Retired Cops Paid $500,000 for Time Off Bring Curbs
Two Long Beach, New York, police officers who retired this year are being paid a combined $1.1 million for accrued time off. That’s equal to an almost 4 percent tax increase for the New York suburb’s 36,000 residents.
The city manager, Jack Schnirman, facing a $10 million deficit and borrowing costs that have tripled, said he wants to cap such payments. From California to New Jersey, where Governor Chris Christie calls them “boat checks,” such deals are under assault by officials who say the perks are driving up costs to taxpayers and can no longer be justified.
“Terminal payouts are an aspect of a system that needs to be reformed,” said Howard Cure, head of research at New York- based Evercore Wealth Management LLC, which manages $3.2 billion. “There is nothing illegal about what these employees are doing. It just seems abusive, especially when compared with the private sector.”
Almost three years after the end of the longest recession since the Great Depression, states and municipalities are still struggling to balance revenue with spending, including costs such as pension obligations and terminal-leave payments. Tax collections in the fourth quarter of 2011 grew at the slowest pace in a year, the Census Bureau said in March.
Investors are betting the liabilities won’t overwhelm municipal finances. The $3.7 trillion market has earned 4.1 percent this year, beating the 0.7 percent advance for Treasuries and the best start to a year since 2009, according to Bank of America Merrill Lynch data.
Minnesota Eyes Curbs
Minnesota lawmakers are considering a measure that would prevent state and local workers from accruing more than 160 hours of paid time off. The bill was introduced after the St.
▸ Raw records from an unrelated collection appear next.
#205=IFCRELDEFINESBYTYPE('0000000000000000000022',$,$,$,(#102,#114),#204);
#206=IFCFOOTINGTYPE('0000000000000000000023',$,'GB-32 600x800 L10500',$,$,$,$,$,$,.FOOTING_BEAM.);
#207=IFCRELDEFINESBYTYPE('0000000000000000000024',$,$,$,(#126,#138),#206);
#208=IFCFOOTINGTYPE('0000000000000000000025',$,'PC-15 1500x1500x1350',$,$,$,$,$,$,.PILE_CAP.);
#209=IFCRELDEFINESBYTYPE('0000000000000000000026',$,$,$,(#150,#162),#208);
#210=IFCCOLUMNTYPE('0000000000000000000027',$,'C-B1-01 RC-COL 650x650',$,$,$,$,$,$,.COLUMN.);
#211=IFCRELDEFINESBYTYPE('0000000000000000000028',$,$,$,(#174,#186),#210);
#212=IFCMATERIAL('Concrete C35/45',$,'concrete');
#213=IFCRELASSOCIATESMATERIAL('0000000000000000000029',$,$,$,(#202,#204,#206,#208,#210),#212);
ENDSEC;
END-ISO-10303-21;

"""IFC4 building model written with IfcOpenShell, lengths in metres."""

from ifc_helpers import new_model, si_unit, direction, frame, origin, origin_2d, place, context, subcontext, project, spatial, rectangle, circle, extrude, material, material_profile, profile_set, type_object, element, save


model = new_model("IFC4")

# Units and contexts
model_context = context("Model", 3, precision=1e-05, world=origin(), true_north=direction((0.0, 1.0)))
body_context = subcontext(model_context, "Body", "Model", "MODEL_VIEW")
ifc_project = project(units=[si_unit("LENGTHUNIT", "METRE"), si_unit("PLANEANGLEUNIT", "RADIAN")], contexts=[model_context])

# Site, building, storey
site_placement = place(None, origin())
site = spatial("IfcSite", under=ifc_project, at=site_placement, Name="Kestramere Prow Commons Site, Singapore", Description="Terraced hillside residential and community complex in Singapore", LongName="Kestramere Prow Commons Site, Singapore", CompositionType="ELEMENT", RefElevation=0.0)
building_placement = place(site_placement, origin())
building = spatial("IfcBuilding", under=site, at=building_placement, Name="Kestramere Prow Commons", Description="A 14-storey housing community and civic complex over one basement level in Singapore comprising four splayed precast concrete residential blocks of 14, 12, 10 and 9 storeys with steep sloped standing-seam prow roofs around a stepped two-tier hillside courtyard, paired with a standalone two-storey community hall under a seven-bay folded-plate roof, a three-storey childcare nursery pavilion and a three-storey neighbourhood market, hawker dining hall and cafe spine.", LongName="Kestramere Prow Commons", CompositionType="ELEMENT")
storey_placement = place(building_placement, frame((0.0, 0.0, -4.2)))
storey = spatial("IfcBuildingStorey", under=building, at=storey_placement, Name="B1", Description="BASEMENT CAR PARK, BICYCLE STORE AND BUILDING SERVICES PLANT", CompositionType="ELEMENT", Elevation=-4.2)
Paul Pioneer Press reported in November that state employees were paid $57 million for unused sick time and $32 million for accrued vacation time from January 2008 through June 2011.
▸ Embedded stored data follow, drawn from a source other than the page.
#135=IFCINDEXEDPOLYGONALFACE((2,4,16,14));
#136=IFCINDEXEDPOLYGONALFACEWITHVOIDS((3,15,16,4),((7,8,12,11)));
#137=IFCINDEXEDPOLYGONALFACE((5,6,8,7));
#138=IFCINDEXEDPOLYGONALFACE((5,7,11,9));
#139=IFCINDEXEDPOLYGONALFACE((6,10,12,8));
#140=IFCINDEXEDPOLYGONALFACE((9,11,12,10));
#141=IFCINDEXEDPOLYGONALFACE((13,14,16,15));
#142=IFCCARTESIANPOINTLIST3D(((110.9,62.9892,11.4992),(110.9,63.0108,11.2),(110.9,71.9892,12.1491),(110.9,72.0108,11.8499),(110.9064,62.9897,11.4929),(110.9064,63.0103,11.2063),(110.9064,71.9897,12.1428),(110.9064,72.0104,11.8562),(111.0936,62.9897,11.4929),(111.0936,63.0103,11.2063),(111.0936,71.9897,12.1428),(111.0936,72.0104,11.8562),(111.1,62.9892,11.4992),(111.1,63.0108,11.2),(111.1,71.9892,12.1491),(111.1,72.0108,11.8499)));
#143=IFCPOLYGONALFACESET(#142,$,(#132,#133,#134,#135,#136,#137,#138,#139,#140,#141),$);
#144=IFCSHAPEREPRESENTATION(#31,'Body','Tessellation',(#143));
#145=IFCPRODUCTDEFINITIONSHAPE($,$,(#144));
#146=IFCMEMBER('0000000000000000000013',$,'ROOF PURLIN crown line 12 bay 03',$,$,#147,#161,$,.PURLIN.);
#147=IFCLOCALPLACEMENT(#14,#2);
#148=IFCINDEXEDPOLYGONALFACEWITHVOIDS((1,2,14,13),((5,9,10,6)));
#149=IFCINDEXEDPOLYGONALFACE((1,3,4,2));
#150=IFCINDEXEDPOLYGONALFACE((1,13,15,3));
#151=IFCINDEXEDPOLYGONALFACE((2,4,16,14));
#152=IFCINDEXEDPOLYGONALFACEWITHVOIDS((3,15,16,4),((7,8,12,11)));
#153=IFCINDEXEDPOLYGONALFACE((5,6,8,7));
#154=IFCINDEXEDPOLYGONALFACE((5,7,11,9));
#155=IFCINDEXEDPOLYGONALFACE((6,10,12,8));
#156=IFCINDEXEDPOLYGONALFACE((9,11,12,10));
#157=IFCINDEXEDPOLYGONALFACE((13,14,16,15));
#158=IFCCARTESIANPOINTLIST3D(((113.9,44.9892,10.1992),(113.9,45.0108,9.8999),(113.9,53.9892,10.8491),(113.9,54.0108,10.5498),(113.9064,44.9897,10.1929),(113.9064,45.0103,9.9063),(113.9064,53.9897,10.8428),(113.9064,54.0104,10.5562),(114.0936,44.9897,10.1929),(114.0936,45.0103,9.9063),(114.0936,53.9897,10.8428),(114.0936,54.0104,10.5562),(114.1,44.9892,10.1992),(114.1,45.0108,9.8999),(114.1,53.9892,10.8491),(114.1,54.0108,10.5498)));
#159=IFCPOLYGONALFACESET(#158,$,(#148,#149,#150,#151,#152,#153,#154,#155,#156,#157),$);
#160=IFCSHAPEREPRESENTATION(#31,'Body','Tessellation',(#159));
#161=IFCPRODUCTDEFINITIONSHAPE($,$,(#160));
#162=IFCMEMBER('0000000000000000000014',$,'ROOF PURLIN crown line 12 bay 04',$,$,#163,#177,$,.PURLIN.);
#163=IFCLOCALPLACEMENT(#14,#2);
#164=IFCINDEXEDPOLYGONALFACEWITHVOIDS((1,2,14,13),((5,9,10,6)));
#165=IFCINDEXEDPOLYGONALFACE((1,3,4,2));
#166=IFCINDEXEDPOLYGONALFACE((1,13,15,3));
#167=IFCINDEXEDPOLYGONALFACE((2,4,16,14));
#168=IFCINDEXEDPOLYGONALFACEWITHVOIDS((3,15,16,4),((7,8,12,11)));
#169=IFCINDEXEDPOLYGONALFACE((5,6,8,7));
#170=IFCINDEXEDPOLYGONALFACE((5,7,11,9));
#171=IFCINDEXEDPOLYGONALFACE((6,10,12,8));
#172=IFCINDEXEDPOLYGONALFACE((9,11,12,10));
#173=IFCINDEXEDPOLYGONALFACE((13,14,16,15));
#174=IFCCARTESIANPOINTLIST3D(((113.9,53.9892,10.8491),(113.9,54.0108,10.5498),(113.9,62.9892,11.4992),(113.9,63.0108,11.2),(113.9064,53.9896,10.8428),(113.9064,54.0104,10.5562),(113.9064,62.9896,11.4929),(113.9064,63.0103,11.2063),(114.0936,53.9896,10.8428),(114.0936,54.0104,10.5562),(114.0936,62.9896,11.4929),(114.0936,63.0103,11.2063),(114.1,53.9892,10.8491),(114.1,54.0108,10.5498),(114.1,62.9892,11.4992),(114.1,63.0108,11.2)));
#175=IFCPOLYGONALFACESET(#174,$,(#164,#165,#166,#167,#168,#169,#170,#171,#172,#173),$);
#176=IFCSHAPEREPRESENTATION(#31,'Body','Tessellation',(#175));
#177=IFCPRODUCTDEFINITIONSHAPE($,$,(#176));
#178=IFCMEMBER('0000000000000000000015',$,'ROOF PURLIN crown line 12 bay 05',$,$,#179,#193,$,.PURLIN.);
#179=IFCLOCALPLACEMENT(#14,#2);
In New Jersey, 428 municipalities face liabilities of more than $825 million for accumulated sick and vacation days, which would cost an additional $250 for every property taxpayer in the state, according to the office of Christie, a Republican.
Unions already feeling the pinch from wage freezes, furloughs and other cost-saving measures may resist giving up the perk at the negotiating table, said Stephen Madarasz, a spokesman for the Civil Service Employees Association, New York’s biggest public-worker union.
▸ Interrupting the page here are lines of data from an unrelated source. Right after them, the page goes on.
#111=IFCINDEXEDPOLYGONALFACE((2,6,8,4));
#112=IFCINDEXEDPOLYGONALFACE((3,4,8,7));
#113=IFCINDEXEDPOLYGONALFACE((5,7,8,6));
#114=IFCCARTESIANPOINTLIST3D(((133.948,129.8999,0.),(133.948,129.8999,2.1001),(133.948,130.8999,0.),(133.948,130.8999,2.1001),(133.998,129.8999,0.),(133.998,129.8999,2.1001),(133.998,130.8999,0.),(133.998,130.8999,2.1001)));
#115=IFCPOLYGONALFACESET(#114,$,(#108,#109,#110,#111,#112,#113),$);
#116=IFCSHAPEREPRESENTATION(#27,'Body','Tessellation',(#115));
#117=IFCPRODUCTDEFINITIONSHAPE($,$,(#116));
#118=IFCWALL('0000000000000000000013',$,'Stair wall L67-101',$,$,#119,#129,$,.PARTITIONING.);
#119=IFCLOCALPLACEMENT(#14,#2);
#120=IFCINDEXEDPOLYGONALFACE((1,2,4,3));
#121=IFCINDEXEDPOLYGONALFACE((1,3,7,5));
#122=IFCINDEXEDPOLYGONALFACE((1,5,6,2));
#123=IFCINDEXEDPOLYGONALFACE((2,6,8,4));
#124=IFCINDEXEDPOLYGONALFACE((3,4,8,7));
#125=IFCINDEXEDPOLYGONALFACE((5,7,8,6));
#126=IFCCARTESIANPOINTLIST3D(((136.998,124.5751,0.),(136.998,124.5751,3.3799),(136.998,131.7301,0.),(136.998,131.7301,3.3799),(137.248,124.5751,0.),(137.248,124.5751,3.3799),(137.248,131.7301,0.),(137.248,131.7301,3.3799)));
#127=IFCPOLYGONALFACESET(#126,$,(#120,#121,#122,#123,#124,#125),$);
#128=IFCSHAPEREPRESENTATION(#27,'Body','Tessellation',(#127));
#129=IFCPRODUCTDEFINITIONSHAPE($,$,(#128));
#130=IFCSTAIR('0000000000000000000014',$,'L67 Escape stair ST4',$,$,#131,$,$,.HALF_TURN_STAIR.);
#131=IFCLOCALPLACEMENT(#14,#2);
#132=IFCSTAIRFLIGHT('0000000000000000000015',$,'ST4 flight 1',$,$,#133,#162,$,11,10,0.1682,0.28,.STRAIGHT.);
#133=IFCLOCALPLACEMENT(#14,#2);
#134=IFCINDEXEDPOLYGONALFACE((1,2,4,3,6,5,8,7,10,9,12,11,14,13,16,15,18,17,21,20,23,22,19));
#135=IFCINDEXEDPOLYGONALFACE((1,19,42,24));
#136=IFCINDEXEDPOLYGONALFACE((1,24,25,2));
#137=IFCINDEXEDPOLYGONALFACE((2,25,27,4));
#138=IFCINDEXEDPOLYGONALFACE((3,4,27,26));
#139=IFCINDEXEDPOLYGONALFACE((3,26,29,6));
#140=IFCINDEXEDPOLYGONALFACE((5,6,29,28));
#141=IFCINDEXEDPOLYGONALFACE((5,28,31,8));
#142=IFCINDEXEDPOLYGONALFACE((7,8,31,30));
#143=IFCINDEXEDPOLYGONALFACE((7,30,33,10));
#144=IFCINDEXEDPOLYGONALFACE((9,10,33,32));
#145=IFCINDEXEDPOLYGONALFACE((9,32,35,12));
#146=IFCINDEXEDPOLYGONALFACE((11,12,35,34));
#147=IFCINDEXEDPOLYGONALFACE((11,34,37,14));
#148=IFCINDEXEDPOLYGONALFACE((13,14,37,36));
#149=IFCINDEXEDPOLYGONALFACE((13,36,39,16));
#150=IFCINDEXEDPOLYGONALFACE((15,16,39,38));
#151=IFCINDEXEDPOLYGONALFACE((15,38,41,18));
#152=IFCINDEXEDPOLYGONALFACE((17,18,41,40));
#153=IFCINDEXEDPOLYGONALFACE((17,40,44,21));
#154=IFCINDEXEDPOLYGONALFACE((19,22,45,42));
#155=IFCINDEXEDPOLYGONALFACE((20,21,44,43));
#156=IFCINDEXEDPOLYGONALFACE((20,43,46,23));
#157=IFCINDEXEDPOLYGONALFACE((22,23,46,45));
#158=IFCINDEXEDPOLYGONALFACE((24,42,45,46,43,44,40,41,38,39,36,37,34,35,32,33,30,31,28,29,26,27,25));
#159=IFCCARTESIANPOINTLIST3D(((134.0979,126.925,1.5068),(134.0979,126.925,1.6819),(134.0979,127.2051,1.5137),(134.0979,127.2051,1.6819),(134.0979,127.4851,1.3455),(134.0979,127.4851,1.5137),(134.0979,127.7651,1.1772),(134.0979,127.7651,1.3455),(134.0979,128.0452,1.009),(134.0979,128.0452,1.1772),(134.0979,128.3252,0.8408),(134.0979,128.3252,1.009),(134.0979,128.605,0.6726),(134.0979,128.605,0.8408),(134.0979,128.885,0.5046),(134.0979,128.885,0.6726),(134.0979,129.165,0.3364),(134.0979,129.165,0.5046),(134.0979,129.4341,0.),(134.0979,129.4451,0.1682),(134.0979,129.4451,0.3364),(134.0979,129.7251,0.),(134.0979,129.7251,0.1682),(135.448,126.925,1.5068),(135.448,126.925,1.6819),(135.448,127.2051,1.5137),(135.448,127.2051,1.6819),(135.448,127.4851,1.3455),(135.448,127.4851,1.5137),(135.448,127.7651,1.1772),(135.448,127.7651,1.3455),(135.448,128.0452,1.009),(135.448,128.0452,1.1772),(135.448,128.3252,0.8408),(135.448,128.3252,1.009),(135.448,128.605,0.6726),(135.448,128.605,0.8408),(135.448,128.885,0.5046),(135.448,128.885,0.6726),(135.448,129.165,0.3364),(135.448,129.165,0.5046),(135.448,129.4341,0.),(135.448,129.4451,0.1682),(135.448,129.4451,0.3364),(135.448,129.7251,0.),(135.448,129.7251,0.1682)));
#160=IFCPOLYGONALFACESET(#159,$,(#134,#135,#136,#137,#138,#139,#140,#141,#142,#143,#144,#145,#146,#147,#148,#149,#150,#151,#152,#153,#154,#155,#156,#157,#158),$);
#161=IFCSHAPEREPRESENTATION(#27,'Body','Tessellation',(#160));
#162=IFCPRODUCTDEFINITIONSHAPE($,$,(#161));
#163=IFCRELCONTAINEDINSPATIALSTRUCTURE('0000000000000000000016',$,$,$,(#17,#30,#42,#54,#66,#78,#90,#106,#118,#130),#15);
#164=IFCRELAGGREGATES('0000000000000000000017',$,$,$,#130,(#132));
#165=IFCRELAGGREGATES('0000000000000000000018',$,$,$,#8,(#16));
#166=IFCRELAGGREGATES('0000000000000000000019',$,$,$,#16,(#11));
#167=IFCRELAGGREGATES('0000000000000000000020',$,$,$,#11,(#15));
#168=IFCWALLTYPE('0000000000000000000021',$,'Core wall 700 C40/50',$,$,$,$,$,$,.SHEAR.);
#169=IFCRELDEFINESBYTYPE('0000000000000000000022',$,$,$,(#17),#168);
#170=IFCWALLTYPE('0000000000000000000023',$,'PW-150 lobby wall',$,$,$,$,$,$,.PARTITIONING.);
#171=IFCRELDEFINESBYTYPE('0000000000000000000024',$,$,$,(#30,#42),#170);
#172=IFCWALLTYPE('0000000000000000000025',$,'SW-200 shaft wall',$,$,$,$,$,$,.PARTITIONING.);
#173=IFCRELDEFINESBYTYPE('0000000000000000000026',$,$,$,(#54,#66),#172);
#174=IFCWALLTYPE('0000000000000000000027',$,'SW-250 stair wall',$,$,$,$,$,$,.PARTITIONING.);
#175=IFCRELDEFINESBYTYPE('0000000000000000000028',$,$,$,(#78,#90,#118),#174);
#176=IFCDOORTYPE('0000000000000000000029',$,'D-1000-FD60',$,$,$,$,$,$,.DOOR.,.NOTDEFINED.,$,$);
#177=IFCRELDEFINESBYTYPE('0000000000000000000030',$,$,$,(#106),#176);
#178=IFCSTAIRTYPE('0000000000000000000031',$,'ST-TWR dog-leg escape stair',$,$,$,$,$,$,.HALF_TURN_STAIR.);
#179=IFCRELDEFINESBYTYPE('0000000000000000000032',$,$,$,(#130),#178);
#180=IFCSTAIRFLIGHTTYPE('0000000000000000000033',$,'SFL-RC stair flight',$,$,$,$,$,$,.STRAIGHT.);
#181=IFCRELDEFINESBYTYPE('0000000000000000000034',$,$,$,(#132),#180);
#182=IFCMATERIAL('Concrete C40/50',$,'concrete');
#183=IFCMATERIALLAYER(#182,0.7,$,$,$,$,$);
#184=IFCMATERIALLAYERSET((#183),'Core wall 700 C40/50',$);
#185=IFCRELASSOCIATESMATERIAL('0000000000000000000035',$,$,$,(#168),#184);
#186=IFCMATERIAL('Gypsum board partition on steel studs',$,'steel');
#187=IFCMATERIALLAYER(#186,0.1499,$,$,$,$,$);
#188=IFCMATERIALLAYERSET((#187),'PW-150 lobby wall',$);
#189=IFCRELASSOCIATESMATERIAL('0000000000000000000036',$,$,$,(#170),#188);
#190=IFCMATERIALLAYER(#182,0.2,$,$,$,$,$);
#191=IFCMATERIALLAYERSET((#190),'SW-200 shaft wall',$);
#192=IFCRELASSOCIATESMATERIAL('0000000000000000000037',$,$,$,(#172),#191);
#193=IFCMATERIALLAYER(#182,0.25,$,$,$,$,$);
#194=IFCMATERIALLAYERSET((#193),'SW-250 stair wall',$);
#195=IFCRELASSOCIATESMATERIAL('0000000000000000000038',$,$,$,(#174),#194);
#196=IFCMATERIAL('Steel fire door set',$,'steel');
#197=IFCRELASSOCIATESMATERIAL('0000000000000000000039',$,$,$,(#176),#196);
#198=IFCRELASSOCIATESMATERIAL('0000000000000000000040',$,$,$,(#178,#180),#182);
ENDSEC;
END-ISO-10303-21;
“If you’re looking at changing something like this that’s a longstanding practice, that’s harder to do,” he said.
When Stockton, the central California city trying to avert bankruptcy, suspended termination checks in February, it was sued by its police union. City Manager Bob Deis, who invoked power under the city’s 2011 financial-emergency declaration, announced the payment halt in a Feb. 24 letter to city employees.
“Any new surprise may push us into insolvency or uncontrolled default,” Deis wrote.
Last month, a San Joaquin County judge ruled in favor of the city.
Chicago is negotiating with its unions after Democratic Mayor Rahm Emanuel temporarily froze payouts for the third- largest U.S. school system in February. The move followed a Better Government Association report showing $265 million in leave disbursements were made to 19,000 employees since 2006.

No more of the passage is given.